[PATCH v2 06/10] spi: dw: Rewrite poll_transfer logic

Sean Anderson seanga2 at gmail.com
Mon Apr 5 03:11:51 CEST 2021


On 4/4/21 8:47 PM, Damien Le Moal wrote:
> On 2021/04/03 8:05, Sean Anderson wrote:
>> This rewrites poll_transfer, dw_writer, and dw_reader.
>>
>> * We now use RO transfers (instead of always using TR).

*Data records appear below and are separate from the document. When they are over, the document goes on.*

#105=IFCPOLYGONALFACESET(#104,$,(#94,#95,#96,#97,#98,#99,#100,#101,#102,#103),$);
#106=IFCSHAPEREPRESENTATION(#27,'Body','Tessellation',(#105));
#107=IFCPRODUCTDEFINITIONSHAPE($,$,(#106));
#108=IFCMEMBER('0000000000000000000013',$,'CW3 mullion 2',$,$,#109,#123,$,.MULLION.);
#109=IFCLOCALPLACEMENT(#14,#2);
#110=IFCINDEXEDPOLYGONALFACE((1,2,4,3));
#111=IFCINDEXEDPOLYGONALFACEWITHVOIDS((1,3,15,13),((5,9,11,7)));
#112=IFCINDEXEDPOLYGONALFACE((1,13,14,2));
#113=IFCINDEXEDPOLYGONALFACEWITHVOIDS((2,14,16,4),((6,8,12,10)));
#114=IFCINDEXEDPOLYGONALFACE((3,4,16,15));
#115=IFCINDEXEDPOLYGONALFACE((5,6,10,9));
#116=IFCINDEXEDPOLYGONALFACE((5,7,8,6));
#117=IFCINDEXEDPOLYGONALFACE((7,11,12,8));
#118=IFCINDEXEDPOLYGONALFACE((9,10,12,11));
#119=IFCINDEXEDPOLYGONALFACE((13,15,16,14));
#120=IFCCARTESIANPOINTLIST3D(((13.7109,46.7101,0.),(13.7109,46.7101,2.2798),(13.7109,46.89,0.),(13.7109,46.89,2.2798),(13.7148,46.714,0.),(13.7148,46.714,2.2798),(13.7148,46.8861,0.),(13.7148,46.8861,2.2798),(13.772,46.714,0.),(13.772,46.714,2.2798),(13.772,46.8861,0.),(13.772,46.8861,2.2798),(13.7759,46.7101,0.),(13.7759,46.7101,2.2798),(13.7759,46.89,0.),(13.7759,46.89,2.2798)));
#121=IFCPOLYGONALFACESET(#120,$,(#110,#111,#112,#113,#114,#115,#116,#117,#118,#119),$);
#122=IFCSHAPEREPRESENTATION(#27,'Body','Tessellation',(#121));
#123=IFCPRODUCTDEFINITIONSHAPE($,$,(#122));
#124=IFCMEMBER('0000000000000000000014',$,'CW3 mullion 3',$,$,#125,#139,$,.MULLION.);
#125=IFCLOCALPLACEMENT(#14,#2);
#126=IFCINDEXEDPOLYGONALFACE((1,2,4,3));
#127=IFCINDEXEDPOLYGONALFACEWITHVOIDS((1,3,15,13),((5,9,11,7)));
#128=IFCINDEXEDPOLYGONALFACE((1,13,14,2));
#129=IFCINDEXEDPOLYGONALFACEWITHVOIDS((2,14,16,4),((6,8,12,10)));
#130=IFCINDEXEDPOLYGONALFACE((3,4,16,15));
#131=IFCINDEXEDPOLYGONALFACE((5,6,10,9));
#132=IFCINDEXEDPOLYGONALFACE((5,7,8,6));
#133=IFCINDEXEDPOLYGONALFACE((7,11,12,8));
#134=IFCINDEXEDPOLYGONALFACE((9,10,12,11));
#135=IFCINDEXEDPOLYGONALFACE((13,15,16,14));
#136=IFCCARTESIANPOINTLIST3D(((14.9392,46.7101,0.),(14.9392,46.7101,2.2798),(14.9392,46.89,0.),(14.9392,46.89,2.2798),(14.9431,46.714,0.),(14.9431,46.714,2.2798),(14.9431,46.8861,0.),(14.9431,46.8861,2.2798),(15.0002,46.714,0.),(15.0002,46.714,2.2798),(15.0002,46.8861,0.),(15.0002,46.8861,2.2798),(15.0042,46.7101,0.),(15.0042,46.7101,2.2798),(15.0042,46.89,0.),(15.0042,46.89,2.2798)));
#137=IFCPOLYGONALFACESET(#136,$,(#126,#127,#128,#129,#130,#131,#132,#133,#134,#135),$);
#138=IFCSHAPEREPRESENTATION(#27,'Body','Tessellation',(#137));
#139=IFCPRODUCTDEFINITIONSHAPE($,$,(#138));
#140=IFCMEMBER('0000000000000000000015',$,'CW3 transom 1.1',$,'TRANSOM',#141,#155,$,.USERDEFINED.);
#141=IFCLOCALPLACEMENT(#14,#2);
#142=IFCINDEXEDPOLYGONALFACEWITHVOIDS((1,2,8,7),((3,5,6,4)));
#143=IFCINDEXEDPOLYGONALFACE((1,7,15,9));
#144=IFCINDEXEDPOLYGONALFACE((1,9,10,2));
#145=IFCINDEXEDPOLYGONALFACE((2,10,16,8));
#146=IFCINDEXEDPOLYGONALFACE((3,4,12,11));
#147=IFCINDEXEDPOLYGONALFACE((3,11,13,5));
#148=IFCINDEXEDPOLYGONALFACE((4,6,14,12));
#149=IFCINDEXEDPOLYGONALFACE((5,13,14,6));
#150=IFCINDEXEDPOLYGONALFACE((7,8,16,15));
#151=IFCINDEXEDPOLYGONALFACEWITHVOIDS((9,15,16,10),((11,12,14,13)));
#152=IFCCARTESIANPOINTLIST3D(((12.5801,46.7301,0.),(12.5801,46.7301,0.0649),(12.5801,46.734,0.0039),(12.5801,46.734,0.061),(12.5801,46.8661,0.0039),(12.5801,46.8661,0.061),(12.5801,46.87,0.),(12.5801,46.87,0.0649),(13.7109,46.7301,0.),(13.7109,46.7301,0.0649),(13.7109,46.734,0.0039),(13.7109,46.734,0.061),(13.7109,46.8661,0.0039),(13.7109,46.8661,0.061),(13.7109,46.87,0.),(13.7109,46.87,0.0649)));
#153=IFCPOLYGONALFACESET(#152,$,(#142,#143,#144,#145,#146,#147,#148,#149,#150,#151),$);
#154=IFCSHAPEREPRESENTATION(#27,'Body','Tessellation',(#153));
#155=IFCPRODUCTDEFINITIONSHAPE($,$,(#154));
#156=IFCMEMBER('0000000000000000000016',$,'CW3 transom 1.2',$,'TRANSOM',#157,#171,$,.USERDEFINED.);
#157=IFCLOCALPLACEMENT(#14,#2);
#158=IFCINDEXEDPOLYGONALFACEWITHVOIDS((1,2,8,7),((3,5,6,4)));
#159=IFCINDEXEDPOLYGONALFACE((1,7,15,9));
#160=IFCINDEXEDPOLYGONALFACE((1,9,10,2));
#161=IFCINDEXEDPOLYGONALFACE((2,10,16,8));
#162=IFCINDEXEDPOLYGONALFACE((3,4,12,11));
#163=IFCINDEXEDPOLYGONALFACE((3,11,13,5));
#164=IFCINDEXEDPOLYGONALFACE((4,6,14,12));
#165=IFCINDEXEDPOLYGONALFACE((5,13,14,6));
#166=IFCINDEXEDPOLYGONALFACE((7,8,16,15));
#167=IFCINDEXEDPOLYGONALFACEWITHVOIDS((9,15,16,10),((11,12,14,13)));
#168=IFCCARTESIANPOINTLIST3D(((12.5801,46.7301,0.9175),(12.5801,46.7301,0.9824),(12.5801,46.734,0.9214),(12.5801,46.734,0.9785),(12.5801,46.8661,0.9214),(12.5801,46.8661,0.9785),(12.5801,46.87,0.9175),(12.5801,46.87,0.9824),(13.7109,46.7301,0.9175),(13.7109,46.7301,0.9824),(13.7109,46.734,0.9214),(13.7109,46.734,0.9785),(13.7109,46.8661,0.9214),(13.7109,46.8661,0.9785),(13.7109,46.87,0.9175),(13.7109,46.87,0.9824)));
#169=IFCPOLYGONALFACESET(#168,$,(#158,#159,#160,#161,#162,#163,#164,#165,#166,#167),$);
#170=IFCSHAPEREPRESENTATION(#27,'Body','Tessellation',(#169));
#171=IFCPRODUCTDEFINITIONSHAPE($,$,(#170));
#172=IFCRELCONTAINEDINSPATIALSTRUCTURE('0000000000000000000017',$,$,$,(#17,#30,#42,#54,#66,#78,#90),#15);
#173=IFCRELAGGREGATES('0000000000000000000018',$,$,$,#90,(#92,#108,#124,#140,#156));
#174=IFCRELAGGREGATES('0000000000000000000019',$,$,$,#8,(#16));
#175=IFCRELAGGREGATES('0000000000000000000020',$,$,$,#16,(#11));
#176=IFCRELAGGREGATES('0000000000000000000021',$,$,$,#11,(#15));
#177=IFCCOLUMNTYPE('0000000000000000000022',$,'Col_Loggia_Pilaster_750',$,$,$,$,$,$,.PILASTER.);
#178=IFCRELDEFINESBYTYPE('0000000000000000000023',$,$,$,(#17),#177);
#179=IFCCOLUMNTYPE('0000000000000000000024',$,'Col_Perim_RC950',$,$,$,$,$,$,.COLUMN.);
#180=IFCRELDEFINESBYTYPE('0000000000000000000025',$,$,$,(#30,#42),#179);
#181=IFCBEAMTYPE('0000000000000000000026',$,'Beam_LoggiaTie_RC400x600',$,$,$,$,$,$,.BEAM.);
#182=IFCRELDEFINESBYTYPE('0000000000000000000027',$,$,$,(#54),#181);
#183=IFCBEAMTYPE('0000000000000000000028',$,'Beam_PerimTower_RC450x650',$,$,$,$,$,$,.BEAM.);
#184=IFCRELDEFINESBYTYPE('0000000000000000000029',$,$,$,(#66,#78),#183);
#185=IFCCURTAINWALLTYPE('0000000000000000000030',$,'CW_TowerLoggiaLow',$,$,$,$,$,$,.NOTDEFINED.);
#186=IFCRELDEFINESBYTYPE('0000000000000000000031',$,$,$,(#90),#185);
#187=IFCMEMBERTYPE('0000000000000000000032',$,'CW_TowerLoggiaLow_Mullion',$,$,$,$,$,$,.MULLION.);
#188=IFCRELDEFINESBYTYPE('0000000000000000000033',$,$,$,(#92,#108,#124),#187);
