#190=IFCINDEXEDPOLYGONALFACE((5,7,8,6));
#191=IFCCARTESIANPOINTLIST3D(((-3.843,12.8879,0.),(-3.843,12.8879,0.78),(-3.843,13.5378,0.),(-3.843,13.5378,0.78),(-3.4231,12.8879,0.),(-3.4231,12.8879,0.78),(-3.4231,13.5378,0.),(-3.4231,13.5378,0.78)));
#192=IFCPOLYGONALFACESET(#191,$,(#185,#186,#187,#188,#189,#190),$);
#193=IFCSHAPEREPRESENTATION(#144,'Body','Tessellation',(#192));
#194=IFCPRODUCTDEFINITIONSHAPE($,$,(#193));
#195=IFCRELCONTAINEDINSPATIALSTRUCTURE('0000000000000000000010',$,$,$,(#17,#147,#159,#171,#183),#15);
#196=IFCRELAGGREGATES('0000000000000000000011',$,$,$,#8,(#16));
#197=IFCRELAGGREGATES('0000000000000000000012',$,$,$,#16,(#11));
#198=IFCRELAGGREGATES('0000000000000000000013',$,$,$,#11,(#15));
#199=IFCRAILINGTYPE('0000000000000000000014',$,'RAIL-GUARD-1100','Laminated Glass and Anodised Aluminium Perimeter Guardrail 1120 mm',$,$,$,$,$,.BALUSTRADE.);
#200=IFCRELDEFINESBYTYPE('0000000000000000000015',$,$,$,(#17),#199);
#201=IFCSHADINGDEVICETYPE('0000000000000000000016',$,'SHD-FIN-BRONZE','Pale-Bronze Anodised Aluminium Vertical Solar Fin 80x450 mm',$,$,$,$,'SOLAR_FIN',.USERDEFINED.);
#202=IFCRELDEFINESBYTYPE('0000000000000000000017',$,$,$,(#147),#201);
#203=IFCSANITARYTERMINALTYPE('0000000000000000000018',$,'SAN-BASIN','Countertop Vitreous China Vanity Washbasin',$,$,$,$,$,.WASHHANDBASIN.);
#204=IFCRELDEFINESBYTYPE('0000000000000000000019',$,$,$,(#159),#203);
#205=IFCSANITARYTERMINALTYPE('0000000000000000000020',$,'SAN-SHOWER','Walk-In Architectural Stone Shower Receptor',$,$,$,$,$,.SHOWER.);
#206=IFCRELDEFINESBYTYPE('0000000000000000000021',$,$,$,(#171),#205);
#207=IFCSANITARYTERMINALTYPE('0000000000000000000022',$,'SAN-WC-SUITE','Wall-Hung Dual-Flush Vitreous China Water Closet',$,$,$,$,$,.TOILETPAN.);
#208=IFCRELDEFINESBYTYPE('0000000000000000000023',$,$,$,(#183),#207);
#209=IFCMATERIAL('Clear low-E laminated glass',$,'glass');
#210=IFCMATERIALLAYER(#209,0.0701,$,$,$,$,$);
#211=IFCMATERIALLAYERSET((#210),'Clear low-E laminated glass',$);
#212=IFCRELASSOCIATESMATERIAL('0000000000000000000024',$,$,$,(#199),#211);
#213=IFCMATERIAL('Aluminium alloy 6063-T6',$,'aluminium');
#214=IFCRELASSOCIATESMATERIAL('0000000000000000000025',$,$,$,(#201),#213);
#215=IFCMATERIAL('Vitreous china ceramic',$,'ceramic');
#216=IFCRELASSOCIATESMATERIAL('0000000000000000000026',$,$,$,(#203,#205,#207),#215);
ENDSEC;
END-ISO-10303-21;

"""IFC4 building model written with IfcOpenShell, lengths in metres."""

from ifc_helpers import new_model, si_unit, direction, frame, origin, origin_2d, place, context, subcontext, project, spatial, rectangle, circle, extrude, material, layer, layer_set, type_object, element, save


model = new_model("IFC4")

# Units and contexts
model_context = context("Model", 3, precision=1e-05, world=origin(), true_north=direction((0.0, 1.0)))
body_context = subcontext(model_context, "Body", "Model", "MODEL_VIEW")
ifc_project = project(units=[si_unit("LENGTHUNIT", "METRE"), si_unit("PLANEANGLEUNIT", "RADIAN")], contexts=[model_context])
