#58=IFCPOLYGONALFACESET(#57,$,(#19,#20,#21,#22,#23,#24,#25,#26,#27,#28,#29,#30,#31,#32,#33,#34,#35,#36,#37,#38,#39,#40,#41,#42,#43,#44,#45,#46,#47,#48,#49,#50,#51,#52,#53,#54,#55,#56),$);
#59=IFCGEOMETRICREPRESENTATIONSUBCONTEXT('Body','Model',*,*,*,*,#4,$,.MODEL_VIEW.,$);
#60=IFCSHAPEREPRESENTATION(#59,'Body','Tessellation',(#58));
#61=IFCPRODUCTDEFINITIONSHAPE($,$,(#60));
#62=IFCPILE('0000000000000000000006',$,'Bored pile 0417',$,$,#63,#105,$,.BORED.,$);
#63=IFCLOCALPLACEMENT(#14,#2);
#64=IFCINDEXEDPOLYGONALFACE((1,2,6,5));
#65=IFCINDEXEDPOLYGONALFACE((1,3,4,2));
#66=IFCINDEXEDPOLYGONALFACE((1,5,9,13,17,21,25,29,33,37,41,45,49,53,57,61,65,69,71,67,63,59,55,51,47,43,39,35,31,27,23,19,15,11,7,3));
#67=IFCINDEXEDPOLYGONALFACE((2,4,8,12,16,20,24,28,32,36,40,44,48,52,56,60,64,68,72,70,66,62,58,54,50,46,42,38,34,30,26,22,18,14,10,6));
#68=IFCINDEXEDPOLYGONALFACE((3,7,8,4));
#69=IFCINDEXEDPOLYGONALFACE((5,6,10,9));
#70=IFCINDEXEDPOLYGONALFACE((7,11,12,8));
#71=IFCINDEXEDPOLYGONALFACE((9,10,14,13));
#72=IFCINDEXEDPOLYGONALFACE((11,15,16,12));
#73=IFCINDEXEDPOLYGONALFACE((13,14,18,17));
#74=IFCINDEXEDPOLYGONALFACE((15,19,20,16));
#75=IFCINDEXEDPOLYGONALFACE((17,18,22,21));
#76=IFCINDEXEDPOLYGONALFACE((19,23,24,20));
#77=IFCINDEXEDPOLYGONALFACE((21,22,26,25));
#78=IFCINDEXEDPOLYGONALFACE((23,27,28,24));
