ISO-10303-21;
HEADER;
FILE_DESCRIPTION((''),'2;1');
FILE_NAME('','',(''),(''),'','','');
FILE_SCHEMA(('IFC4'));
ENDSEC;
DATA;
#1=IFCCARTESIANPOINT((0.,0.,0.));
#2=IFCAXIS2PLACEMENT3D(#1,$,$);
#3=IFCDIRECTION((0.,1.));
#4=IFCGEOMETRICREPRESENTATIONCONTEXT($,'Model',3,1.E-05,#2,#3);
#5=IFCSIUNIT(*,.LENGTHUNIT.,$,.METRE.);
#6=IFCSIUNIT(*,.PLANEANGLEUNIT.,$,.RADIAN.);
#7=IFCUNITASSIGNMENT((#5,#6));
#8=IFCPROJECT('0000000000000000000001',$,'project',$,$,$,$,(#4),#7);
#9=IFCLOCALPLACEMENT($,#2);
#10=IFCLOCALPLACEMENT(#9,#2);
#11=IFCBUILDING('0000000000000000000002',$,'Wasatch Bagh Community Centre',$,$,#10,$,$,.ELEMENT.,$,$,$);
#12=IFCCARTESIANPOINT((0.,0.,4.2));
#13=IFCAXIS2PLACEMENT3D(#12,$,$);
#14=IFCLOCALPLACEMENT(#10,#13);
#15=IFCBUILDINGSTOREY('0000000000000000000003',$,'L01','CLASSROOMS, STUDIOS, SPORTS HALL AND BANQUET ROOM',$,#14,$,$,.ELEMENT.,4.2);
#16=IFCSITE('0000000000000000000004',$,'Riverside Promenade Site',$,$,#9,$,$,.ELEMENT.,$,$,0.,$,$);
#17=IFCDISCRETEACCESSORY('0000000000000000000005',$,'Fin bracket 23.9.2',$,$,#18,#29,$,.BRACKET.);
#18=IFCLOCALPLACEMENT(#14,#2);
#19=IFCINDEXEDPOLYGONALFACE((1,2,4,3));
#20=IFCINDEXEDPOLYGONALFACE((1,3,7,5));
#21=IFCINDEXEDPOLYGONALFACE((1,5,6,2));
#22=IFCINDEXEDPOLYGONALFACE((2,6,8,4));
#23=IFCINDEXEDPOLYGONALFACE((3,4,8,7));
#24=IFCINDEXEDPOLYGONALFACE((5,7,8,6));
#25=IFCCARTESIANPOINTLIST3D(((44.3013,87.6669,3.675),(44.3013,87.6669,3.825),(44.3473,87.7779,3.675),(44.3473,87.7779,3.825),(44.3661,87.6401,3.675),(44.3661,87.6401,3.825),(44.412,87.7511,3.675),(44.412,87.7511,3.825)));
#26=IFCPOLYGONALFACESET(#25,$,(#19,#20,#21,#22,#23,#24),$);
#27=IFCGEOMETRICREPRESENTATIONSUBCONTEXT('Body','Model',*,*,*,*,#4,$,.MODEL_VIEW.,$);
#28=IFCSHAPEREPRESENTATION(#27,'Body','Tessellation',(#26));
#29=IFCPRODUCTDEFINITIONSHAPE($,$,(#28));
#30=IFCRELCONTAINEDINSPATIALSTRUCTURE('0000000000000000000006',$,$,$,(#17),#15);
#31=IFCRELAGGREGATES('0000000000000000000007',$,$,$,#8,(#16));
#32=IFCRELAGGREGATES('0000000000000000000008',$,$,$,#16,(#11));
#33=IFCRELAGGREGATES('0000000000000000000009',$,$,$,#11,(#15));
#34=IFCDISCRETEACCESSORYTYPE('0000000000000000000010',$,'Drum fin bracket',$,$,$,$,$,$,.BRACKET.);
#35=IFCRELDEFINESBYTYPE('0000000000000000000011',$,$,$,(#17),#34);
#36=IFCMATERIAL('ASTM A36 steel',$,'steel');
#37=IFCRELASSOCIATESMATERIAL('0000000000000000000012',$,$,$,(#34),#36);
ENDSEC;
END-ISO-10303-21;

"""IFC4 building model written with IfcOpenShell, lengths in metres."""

from ifc_helpers import new_model, si_unit, direction, frame, origin, origin_2d, place, context, subcontext, project, spatial, rectangle, extrude, material, type_object, element, save


model = new_model("IFC4")

# Units and contexts
model_context = context("Model", 3, precision=1e-05, world=origin(), true_north=direction((0.0, 1.0)))
body_context = subcontext(model_context, "Body", "Model", "MODEL_VIEW")
ifc_project = project(units=[si_unit("LENGTHUNIT", "METRE"), si_unit("PLANEANGLEUNIT", "RADIAN")], contexts=[model_context])

# Site, building, storey
site_placement = place(None, origin())
site = spatial("IfcSite", under=ifc_project, at=site_placement, Name="Riverside Promenade Site", CompositionType="ELEMENT", RefElevation=0.0)
building_placement = place(site_placement, origin())
building = spatial("IfcBuilding", under=site, at=building_placement, Name="Wasatch Bagh Community Centre", CompositionType="ELEMENT")
storey_placement = place(building_placement, frame((0.0, 0.0, 4.2)))
storey = spatial("IfcBuildingStorey", under=building, at=storey_placement, Name="L01", Description="CLASSROOMS, STUDIOS, SPORTS HALL AND BANQUET ROOM", CompositionType="ELEMENT", Elevation=4.2)

# Discrete accessory
ifc_material_1 = material(Name="ASTM A36 steel", Category="steel")
discrete_accessory_type = type_object("IfcDiscreteAccessoryType", Name="Drum fin bracket", PredefinedType="BRACKET", material=ifc_material_1)
for number, where, z_axis, x_axis, name in (
    (1, (44.3567, 87.709, 3.675), (0.0, 0.0, 1.0), (-0.92388, 0.382683, 0.0), "Fin bracket 23.9.2"),
):
    element("IfcDiscreteAccessory", number, at=place(storey_placement, frame(where, z_axis=z_axis, x_axis=x_axis)), inside=storey, type_object=discrete_accessory_type, Name=name, PredefinedType="BRACKET", context=body_context, shape_type="SweptSolid", body=[
        extrude(rectangle(XDim=0.0701, YDim=0.1201, at=origin_2d()), origin(), (0.0, 0.0, 1.0), 0.1499),
    ])

save(model, "model.ifc")
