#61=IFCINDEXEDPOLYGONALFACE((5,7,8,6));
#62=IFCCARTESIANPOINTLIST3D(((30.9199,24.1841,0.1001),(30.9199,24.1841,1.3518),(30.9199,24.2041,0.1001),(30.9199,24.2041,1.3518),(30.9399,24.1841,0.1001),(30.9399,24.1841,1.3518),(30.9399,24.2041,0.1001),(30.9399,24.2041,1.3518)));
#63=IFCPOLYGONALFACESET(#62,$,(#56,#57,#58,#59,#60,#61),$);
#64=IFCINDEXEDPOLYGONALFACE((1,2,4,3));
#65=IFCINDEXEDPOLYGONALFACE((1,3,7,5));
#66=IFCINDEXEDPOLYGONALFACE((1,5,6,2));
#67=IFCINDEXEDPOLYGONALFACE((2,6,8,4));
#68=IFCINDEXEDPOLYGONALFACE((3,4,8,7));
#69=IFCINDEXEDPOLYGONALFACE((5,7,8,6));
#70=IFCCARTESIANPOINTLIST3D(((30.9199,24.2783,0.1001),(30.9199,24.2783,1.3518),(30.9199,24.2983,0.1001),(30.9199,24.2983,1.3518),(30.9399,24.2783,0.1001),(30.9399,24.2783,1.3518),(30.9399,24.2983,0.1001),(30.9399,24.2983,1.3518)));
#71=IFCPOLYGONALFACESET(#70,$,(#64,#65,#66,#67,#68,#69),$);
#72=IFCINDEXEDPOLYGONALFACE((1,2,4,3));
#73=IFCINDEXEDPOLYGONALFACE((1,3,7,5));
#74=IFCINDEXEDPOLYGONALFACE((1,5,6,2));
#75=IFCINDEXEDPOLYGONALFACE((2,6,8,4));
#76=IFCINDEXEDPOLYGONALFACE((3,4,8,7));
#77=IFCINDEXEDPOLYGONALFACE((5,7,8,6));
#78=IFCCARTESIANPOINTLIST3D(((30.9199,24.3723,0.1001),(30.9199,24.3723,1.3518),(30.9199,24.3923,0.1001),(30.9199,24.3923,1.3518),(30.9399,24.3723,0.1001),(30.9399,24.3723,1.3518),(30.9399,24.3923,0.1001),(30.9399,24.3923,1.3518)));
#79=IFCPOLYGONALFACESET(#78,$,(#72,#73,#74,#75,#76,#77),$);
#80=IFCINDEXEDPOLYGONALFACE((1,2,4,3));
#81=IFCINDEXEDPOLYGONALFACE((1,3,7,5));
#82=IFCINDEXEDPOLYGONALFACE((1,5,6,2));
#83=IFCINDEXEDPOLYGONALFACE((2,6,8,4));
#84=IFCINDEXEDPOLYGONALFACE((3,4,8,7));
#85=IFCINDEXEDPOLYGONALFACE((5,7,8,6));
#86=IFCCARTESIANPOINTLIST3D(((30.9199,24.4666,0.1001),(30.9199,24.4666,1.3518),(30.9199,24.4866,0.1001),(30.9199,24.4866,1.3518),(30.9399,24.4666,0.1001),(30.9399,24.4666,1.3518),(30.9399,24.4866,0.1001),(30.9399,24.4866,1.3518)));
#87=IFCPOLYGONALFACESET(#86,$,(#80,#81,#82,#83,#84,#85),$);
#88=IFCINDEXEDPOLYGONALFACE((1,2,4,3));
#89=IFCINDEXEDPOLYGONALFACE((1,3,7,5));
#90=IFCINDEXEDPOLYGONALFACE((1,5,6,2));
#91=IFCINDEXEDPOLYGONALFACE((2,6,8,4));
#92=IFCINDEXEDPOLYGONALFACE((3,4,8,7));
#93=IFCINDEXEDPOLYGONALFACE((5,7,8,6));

This eliminates the
>>    need to send out dummy words, and simplifies the transmit logic.
>> * All parameters (except regs and bits_per_word) are passed explicitly.
>> * Most parameters have been made explicit (instead of being recalculated on
>>    every loop).
>> * Transfers are measured in units of frames instead of bytes. This matches
>>    the measurements used by the device and eliminates several divisions by
>>    bits_per_word.
>> * We now check if we have over-/under-flowed the FIFO. This should help
>>    prevent hangs when the device stops the transfer and U-Boot doesn't
>>    realize it (and then waits for the remaining data forever). TXUI is not
>>    present in DW_APB_SSI, but in the worst case we just don't write data.
>>
>>    Unfortunately, this doesn't seem to solve all problems, and there are
>>    some remaining bugs (such as some transfers containing all 1s or all 0s)
>>    when we have many fifo overflows. This is solved for DWC devices by
>>    enabling clock stretching.
>> * poll_transfer is now used by dw_spi_exec_op as well as xfer.
>> * There are separate inner loops for 8-, 16-, and 32-bit frame sizes. This
>>    should hopefully reduce the amount of over-/under-flows. However, I
>>    haven't done exhaustive testing to ensure this is really necessary. In
>>    particular, I was never able to prevent read overflows at 50MHz clock
>>    speed.
> 
> That sounds like the long fight I had on Linux side... Did you account for the
> fact that the K210 has a buggy fifo depth (it reports 32 but is in fact 31) ?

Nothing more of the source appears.